The 3-substituted sulfamoylbenzoic acid derivative of the following formula (II) is reduced using a complex of a borohydride or hydrogen boride in the presence of Lewis acid to obtain a compound of formula (I), and if necessary, the compound is hydrogenated at a double bond. is added to or introduced into the double bond by an elimination reaction and / or R ³ is a carboxylic acid ester of the hydrogen in the structural formula the following structural formula (ⅰ) esterification of the free carboxylic acid of (ⅰ) and / or R ³ is a R ³ above By hydrolysis or elimination to convert carboxylic acids wherein R ³ is hydrogen and / or to separate the protecting groups to liberate hydroxy, amino or mercapto groups and / or to carboxylic acids of formula (I) wherein R ³ is hydrogen The following structural formula (I) and the physiologically toxic salts thereof are prepared by treating with a base or an acid and transforming them into physiologically toxic salts thereof. Law.

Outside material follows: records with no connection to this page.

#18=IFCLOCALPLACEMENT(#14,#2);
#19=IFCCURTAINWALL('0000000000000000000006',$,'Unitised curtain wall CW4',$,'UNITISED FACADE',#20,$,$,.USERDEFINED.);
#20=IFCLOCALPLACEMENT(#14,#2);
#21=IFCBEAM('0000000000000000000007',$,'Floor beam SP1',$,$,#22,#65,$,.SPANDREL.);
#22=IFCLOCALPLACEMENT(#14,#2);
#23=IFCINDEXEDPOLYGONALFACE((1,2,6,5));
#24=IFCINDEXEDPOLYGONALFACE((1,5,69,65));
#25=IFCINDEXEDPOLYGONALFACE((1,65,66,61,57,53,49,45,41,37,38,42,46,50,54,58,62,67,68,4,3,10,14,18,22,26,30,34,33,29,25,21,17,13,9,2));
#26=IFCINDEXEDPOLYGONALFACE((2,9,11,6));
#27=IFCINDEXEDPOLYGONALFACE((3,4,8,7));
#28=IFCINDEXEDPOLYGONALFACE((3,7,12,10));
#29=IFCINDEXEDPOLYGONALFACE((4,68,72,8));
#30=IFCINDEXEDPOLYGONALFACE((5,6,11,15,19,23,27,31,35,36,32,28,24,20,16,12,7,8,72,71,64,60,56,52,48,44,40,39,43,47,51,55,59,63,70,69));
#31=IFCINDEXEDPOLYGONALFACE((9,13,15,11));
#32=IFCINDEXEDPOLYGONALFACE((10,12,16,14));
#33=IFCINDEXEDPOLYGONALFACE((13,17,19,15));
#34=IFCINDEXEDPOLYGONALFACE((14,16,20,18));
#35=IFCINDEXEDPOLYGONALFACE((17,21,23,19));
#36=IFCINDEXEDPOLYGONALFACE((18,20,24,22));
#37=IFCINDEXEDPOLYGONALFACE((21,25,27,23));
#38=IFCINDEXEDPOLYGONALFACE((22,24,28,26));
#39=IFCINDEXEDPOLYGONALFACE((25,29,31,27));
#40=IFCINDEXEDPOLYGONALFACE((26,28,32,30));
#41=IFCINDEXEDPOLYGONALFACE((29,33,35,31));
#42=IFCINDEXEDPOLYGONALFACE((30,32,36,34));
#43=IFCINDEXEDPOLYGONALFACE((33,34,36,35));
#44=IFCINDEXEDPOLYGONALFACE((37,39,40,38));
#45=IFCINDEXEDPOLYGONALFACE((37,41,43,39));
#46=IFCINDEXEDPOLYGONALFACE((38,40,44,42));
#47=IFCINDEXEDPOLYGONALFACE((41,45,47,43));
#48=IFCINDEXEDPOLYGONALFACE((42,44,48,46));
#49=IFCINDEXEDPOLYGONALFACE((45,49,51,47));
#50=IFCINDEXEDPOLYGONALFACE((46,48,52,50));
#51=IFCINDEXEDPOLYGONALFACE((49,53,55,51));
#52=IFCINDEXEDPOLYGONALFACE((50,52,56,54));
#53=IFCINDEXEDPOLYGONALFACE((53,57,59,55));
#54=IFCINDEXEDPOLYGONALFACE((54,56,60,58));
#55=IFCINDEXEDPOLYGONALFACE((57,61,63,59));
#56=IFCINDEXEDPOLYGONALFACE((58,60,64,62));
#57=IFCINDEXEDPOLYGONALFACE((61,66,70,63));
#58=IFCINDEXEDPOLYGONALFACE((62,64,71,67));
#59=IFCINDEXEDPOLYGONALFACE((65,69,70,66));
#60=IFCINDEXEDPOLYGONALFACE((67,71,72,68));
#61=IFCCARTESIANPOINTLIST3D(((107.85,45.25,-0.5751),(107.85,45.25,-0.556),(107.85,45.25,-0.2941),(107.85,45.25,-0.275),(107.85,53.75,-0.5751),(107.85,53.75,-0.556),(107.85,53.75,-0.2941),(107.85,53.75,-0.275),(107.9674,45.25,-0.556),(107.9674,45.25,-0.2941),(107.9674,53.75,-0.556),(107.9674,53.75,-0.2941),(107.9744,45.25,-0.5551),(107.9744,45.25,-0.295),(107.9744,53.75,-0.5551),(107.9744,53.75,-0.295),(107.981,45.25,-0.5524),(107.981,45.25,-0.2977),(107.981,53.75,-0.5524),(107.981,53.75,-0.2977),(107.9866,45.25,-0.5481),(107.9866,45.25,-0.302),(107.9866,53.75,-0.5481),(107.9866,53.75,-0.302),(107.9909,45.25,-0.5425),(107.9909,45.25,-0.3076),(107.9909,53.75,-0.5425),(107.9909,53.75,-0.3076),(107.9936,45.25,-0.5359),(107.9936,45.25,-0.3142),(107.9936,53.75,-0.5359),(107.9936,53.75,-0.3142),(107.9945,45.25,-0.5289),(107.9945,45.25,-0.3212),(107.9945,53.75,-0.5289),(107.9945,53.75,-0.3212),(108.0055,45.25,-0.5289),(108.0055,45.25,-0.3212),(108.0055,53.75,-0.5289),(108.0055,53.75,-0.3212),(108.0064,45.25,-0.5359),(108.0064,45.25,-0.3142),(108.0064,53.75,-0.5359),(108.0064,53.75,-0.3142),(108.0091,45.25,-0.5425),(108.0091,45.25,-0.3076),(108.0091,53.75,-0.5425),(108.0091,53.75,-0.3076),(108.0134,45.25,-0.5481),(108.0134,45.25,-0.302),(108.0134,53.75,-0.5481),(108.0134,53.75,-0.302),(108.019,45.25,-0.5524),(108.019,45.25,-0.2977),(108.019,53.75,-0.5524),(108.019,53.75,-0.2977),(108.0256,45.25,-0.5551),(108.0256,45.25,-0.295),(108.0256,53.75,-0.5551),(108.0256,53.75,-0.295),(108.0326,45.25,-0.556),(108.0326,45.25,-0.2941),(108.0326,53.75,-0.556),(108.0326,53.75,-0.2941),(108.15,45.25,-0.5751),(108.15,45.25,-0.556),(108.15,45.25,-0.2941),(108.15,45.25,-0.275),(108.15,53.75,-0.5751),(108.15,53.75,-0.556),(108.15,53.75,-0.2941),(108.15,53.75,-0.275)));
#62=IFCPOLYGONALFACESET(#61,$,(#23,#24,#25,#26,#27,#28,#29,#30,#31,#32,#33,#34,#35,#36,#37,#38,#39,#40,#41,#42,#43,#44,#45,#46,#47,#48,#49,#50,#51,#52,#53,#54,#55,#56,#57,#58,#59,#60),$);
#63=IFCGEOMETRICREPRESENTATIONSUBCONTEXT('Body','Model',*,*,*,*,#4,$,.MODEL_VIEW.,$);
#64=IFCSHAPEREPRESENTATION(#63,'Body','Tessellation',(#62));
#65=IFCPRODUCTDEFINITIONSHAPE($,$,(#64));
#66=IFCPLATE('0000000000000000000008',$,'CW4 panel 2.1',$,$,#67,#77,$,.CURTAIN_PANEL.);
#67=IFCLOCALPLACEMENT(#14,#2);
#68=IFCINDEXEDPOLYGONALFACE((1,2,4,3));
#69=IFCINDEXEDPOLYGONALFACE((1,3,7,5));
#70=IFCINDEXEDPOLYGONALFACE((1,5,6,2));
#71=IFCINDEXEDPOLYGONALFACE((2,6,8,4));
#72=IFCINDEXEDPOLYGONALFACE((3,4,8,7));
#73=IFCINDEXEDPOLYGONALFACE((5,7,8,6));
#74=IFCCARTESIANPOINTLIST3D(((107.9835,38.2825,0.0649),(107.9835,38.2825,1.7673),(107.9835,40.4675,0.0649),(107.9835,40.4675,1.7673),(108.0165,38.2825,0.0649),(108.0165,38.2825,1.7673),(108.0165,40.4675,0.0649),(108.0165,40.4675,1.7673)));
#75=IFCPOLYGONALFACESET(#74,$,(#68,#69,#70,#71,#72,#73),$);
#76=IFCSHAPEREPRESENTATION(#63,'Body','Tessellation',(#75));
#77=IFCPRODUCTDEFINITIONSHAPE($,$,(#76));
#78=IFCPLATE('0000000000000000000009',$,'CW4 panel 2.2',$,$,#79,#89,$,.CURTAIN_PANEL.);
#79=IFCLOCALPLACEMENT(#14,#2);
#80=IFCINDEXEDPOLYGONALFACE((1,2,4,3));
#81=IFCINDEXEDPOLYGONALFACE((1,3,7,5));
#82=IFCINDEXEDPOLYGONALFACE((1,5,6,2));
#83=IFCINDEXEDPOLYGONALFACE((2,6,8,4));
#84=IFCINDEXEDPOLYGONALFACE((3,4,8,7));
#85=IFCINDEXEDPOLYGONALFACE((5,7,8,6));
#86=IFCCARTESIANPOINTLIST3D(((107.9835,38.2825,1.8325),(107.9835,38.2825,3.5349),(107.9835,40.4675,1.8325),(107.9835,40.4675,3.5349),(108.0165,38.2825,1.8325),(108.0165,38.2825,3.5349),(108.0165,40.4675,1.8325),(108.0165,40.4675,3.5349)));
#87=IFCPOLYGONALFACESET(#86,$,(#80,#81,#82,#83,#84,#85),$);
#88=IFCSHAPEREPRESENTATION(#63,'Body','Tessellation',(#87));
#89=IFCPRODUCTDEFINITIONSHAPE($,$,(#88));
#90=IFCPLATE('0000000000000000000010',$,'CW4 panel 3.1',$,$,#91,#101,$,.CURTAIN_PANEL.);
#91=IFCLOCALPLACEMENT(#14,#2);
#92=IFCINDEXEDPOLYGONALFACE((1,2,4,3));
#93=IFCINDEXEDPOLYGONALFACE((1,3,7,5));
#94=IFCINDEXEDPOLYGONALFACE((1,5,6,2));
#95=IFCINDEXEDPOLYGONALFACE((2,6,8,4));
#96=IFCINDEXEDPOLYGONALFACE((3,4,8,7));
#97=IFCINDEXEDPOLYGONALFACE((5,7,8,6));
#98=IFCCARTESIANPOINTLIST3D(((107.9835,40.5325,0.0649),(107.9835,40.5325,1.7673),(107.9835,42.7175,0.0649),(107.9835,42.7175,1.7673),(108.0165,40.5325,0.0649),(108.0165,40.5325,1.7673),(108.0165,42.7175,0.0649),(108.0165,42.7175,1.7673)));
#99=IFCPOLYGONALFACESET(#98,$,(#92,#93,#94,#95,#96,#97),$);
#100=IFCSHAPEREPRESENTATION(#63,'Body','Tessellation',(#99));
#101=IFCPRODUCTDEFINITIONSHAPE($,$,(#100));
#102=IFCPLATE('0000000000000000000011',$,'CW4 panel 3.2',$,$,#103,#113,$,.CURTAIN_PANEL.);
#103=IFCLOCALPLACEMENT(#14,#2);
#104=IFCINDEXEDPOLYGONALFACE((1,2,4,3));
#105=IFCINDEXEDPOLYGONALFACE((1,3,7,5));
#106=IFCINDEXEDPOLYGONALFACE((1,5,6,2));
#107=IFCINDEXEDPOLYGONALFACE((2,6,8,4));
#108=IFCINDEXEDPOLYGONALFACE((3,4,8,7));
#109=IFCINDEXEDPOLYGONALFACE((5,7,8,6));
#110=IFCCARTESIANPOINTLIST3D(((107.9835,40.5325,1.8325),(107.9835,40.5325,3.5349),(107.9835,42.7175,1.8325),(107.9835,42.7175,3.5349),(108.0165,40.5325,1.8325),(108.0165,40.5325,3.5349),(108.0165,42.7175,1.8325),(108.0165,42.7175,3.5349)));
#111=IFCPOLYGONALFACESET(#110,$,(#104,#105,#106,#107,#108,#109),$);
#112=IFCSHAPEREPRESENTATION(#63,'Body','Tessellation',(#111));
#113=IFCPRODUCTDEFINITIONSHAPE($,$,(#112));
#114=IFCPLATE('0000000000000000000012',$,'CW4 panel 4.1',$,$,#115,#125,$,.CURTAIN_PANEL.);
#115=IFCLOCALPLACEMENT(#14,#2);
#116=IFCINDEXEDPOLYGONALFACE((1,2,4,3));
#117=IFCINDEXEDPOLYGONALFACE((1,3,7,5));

Wherein R ¹ and R ² are the same or differently hydrogen or alkyl having 1 to 4 carbon atoms, and when R ¹ is hydrogen, R ² is alkoxymethyl, phenoxymethyl, or phenylthiomethyl having 2 to 5 carbon atoms in the alkyl group. R ³ is hydrogen, alkyl of 1 to 4 carbon atoms, cycloalkyl of 5 to 6 carbon atoms (one of which carbon may be substituted by oxygen or sulfur), phenyl or benzyl, wherein the phenyl nucleus is a nitro group, 1 to C May be substituted with an alkyl group of 3, alkoxy or halogen of 1 to 3 carbon atoms, benzhydryl or alkanoyloxymethyl of 3 to 5 carbon atoms, and X is halogen, CF ₃ , CCl ₃ , straight chain having 6 or less carbon atoms, or Branched saturated or unsaturated alkyl or alkoxy, benzyl, where benzyl may be substituted by hydroxy, amino, lower alkyl or lower alkoxy or OR ₄ , SR ⁴ , SO-R ⁴ , SO ₂ -R ⁴ , and NR ⁴ R ⁵ (where R ⁴ is Hal, OH, NH ₂ , CF ₃ , NO ₂ , alkyl or alkoxy having 1 to 4 carbon atoms, or phenyl substituted with SO ₂ NH ₂ group, or 1 carbon atom substituted with phenyl, pyridyl, furyl or thienyl Straight or branched chain alkyl of 4 to 4, R ⁵ is hydrogen, straight or branched chain alkyl of 1 to 4 carbon atoms, and NR ⁴ R ⁵ is a saturated compound of 5 to 6 atoms blocked by 0-, N- or S-atoms And A is a single bond or A 3 or less alkyl, interrupted by O-, N- or S-atoms or substituted with a halogen atom and / or an alkyl, aralkyl, branched aryl group or mononuclear heteroaromatic ring And ortho-phenylene group or

Where Y is a single bond / or alkylene group having 1 to 4 carbon atoms and R ⁶ and R ⁷ are the same or differently hydrogen, halogen or alkyl having 1 to 4 carbon atoms, wherein the hydroxyamino or mercapto group is Protected by a common protecting group and Z is two hydrogen atoms or one oxygen atom.